Supports batch processing, concurrent requests, field transformations, lookup handling, polymorphic relationships, picklists, and progress callbacks.

Parameters:

Name Type Description Default
module str

Name of the Dataverse entity (table) to load data into.

required
data DataFrame

Polars DataFrame containing the records to be loaded.

required
action int

CRUD action to perform. Use class constants: CREATE, UPDATE, DELETE, INTEGRATE.

required
sync_key str

Optional field name used for integration or synchronization operations.

None
lookup_keys dict

Optional mapping of local fields to target entity keys for lookup fields.

None
polymorphic_targets dict

Optional mapping for polymorphic lookup field resolution.

None
transform callable | None

Optional function to transform each row before sending to Dataverse. The function should accept (row, picklist, is_create) and return a modified row dict.

None
picklist dict

Optional picklist dictionary used by the transform function.

None
n_rows_write int

Optional number of rows per batch write. Defaults to class attribute n_rows_write.

None
n_concurrent int

Optional number of concurrent batches to send. Defaults to class attribute n_concurrent.

None
die_on_error bool

If True, raises an exception if any record fails; otherwise continues processing.

False
callback callable

Optional callback (or list of callbacks) to track ETL progress or logs.

None

Returns:

Type Description
pl.DataFrame

Polars DataFrame containing the results of the load, with a success column indicating whether each record was successfully processed.

Raises:

Type Description
Exception

If die_on_error is True and any record fails, or if an invalid action is passed.

ping

Checks if the Dataverse connection is active by making a simple WhoAmI request.

Returns:

Type Description
bool

True if the request succeeds, False otherwise.

pk

Retrieves the primary key field name for the specified Dataverse entity.

Parameters:

Name Type Description Default
module str

Name of the Dataverse entity.

None

Returns:

Type Description
str

Name of the primary key field.

read

Reads records from a Dataverse entity, applies optional filters, and returns a Polars DataFrame.

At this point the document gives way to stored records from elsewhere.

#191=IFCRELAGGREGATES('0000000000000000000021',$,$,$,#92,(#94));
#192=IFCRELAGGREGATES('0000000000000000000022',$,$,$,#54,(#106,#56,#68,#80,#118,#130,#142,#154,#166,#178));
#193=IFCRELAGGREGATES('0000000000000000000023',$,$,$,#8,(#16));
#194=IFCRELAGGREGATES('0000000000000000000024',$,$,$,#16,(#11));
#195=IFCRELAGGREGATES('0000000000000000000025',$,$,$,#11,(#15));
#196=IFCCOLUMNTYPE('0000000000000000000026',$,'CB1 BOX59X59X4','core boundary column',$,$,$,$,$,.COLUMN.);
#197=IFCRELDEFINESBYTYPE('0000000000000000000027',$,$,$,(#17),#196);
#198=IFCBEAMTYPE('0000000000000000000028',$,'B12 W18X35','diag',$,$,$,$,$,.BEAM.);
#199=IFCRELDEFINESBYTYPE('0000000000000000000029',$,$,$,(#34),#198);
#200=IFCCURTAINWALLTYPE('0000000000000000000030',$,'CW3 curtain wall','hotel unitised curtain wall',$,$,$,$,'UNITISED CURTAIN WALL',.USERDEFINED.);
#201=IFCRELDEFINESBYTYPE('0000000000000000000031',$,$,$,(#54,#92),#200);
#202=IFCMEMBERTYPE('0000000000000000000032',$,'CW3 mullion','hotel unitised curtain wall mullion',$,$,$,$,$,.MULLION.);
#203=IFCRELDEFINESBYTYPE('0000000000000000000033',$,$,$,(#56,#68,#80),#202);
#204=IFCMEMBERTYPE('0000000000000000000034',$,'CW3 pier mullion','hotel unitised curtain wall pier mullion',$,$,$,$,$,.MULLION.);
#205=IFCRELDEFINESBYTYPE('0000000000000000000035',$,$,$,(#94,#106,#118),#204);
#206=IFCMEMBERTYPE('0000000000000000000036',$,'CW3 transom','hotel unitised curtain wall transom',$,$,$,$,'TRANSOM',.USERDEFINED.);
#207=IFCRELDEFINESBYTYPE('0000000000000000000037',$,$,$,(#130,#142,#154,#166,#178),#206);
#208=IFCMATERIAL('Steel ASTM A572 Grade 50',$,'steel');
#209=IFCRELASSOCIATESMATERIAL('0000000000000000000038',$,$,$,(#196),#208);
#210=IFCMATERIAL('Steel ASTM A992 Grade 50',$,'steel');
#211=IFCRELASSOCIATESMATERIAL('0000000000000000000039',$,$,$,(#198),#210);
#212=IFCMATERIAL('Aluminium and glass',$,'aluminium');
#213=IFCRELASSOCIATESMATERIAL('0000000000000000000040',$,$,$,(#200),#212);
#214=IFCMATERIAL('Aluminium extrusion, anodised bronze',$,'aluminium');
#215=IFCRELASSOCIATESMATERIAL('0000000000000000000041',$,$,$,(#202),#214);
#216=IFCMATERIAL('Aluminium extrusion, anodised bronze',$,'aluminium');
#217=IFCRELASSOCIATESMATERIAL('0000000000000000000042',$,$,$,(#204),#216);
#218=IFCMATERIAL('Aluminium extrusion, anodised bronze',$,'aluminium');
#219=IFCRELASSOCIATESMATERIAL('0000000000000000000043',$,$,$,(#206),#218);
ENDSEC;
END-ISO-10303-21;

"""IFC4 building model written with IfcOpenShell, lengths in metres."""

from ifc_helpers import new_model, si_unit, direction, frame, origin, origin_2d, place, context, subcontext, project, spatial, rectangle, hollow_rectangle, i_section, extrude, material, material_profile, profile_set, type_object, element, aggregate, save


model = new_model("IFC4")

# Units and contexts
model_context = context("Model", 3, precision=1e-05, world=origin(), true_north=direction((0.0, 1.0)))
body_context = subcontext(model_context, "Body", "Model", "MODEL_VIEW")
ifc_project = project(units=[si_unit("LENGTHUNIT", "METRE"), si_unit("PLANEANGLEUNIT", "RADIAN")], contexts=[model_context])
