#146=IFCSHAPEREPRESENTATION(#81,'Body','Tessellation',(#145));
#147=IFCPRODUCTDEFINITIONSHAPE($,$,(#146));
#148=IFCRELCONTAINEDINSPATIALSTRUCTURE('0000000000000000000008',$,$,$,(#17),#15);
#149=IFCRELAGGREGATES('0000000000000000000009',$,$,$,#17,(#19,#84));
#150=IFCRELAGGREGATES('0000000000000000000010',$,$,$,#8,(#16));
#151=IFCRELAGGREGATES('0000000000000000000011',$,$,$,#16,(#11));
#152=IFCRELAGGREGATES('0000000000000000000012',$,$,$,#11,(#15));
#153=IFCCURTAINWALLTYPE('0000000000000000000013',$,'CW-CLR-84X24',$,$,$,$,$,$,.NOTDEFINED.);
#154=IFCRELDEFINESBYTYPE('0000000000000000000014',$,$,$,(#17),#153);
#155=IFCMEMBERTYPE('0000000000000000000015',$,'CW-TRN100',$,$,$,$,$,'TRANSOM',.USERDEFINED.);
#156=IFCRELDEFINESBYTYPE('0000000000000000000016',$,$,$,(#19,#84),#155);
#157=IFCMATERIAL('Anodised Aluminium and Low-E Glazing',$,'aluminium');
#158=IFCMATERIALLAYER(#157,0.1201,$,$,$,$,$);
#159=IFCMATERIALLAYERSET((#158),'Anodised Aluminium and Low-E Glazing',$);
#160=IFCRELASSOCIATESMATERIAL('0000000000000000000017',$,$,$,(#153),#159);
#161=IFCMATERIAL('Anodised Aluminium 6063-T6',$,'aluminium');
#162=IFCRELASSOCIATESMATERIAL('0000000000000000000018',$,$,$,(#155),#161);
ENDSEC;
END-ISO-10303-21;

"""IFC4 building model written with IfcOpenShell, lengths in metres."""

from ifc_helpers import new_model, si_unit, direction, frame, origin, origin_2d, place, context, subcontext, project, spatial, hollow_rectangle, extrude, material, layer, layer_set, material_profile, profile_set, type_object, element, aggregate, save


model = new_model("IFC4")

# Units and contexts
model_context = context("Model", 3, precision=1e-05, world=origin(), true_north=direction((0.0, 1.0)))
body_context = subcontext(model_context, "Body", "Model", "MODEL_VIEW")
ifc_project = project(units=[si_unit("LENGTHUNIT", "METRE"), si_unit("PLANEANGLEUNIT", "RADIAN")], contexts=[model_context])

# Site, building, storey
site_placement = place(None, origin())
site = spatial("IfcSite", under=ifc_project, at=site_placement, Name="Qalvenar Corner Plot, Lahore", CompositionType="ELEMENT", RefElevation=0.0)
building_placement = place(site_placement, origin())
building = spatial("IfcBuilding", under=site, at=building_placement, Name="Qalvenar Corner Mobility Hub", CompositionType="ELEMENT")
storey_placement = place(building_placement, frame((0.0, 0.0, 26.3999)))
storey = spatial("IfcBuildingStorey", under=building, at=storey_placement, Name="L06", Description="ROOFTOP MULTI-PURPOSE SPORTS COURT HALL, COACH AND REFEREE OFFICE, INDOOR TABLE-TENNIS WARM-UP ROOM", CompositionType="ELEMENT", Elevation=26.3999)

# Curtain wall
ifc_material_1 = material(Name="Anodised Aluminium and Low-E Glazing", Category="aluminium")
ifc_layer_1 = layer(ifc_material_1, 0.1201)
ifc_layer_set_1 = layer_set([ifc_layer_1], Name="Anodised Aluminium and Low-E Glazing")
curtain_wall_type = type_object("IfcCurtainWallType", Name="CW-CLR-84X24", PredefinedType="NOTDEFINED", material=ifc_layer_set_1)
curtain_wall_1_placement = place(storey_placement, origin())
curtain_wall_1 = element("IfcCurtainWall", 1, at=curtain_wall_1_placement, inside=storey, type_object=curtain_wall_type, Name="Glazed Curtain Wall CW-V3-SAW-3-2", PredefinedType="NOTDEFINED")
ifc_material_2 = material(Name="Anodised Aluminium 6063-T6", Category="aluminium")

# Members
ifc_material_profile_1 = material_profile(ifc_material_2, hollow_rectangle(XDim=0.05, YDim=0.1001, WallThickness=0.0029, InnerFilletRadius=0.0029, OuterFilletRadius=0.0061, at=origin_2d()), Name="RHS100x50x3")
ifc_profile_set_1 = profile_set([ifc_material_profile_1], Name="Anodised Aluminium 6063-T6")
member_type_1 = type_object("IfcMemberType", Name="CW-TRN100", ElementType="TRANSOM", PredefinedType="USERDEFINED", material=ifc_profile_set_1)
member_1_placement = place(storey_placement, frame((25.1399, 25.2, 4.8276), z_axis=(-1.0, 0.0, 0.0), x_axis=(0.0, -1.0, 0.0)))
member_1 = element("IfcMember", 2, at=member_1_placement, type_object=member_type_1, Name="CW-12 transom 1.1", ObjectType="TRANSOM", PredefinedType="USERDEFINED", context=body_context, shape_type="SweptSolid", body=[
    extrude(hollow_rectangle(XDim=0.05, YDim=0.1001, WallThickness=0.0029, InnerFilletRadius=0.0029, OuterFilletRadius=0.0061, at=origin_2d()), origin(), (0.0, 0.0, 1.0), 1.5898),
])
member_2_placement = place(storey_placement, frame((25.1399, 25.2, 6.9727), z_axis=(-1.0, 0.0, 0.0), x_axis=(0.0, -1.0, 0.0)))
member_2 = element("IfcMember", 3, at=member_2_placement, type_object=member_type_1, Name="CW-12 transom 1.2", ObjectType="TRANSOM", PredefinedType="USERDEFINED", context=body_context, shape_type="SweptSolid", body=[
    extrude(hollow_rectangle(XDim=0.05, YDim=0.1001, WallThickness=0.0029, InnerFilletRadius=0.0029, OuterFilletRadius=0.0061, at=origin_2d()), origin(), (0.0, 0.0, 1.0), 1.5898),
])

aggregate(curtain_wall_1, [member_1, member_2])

Handles field mapping, lookup fields, pagination, and optional progress callbacks.

Parameters:

Name Type Description Default
module str

Name of the Dataverse entity to read from.

required
filters list

Optional list of OData filter strings (e.g., ["field eq 'value'"]).

None
fields list

Optional list of fields to select. If omitted, all fields are retrieved.

None
order_by str

Field to order the results by. Default is "id".

'id'
limit int

Optional maximum number of records to fetch.

None
n_rows_read int

Optional batch size for reading rows.

None
n_concurrent int

Optional number of concurrent requests.

None
callback callable

Optional callback (or list of callbacks) for logging progress or ETL status.

None

Returns:

Type Description
pl.DataFrame

Polars DataFrame containing the requested records.

Raises:

Type Description
Exception

Propagates exceptions if the request or processing fails.

request

Sends an HTTP request to the Dataverse API using the parent REST client.

Raises exceptions for failed requests and attempts to parse JSON responses.

Parameters:

Name Type Description Default
method str

HTTP method (GET, POST, PATCH, DELETE, etc.).

required
path str

API endpoint path relative to the base URL.

required
headers dict

Optional HTTP headers.

None

Returns:

Type Description
dict, list, | requests.Response

Parsed JSON response or original response object if parsing fails.